Battery-like storage device from bourbon waste stores up to 25 times more energy per kilogram

University of Kentucky researchers converted wet bourbon stillage into carbon electrodes using hydrothermal carbonization and built hybrid lithium‑ion supercapacitors that the team reports can store up to 25 times more energy per kilogram than conventional supercapacitors. The results were presented at the American Chemical Society Spring 2026 meeting.

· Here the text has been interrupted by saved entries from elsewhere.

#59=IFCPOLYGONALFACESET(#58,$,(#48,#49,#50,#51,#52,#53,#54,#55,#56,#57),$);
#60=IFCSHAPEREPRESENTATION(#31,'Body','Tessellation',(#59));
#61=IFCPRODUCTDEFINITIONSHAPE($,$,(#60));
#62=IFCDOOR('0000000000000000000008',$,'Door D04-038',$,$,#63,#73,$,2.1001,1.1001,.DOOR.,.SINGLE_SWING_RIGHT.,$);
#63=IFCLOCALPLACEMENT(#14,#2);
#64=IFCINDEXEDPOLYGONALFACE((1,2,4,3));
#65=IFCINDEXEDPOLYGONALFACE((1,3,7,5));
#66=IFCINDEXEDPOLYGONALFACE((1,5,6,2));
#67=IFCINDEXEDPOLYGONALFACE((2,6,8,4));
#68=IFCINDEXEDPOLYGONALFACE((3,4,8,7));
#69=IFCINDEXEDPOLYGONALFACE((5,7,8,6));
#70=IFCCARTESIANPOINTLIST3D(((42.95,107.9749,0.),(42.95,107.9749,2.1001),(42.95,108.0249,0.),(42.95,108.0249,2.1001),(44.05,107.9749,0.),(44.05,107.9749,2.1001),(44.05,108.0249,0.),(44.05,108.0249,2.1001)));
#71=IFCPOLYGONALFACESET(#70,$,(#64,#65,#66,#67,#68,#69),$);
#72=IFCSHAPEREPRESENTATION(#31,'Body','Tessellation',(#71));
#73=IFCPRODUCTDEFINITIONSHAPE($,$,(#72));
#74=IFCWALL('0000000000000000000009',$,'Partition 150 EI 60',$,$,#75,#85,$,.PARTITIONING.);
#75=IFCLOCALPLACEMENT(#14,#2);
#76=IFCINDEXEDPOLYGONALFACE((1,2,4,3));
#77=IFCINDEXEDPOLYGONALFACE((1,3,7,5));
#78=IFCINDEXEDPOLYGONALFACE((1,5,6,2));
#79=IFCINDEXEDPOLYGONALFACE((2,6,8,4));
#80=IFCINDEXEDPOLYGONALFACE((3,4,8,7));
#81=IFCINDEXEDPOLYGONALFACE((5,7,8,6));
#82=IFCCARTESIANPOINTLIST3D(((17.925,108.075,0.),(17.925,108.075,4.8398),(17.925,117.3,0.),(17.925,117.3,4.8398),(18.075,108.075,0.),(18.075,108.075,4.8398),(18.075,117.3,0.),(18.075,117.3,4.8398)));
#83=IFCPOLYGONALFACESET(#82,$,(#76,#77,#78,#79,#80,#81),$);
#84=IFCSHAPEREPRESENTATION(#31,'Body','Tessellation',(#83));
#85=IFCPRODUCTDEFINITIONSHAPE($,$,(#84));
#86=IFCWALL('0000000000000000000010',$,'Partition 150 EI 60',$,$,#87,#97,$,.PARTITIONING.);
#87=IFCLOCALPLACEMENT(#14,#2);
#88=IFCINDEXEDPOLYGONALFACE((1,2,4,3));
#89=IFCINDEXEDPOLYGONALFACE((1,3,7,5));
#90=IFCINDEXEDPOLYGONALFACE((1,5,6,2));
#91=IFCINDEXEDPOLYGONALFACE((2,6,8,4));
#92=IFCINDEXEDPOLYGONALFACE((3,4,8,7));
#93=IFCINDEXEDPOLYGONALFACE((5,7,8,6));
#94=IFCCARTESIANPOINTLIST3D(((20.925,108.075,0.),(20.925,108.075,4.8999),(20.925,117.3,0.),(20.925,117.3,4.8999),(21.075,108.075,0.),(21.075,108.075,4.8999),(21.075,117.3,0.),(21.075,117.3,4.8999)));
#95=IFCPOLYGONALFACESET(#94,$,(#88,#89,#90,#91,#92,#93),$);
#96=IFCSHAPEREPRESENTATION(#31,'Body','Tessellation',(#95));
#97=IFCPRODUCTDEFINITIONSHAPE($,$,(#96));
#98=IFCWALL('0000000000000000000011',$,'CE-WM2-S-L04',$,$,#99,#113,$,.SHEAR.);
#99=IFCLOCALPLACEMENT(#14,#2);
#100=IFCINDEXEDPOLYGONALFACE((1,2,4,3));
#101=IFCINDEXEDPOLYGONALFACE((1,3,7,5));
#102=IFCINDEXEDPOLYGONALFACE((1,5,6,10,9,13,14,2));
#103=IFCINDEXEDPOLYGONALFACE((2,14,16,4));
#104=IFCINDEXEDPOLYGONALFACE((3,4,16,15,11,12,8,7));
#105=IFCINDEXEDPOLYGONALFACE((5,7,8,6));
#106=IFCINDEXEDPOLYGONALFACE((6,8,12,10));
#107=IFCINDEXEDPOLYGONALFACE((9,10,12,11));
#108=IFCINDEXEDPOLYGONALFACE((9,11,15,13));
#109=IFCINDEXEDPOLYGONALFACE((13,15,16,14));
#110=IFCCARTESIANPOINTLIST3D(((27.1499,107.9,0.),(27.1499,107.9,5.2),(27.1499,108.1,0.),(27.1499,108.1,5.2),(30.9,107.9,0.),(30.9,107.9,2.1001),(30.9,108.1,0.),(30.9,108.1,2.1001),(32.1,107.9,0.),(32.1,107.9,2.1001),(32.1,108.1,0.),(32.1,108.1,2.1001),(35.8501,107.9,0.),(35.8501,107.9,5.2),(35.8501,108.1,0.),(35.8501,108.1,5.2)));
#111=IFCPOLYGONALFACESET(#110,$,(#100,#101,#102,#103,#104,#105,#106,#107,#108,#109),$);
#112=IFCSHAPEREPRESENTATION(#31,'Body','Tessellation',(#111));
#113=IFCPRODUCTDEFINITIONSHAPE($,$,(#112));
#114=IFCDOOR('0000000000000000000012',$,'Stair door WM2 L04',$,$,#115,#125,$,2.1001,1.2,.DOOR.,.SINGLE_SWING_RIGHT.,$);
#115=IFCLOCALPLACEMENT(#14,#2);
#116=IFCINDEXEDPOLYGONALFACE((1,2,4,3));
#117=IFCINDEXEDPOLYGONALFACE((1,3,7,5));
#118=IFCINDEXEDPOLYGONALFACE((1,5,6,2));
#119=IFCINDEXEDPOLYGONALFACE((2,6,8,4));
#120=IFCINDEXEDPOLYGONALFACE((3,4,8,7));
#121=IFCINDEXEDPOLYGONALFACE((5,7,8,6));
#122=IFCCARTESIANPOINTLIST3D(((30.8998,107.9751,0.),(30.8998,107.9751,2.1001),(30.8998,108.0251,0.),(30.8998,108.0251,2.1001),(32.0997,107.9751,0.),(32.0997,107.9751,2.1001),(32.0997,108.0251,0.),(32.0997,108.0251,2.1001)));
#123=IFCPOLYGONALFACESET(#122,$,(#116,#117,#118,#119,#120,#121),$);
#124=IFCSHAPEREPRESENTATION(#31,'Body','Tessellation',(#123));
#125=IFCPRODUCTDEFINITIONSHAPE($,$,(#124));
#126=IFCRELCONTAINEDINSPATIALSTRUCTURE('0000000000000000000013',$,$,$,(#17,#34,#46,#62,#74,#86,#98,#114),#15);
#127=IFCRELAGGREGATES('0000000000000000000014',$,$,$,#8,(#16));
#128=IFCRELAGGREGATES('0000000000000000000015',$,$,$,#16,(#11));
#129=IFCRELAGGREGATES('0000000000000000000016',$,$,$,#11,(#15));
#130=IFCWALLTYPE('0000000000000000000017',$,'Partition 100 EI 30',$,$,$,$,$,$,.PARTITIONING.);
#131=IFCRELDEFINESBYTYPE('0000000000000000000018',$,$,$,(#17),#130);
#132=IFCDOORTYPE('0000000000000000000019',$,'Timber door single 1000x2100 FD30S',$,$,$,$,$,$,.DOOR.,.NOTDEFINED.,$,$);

Kentucky produces most of the world’s bourbon, and distilling generates large volumes of wet grain waste called stillage. Researchers at the University of Kentucky developed a process to convert this wet stillage into carbon materials using hydrothermal carbonization. They used those materials to make both activated carbon electrodes and hybrid lithium‑ion supercapacitors. The team reported devices that store substantially more energy per kilogram than conventional supercapacitors and presented the work at the American Chemical Society Spring 2026 meeting. Key facts: - Distillation produces stillage in volumes reported as six to 10 times the final bourbon volume. - Researchers collected stillage samples from distilleries in Kentucky, Illinois and Canada for the study. - They used a 10‑liter reactor under heat and pressure to transform wet stillage into a black carbon powder and then produced two types of carbon electrodes from that powder. - Coin‑sized conventional supercapacitors built with the activated carbon stored up to about 48 watt‑hours per kilogram, similar to commercial supercapacitors. - Hybrid lithium‑ion supercapacitors made from stillage‑derived activated and hard carbon electrodes and infused with lithium ions were reported to store up to 25 times more energy per kilogram than the conventional supercapacitors tested. Summary: The study demonstrates a method to turn bourbon stillage into carbon electrodes and to build hybrid lithium‑ion supercapacitors with much higher reported energy density than conventional supercapacitors. The researchers are studying how energy storage works inside the stillage‑derived devices and plan life‑cycle, economic and feasibility analyses to evaluate whether the process can be scaled and how it might be applied.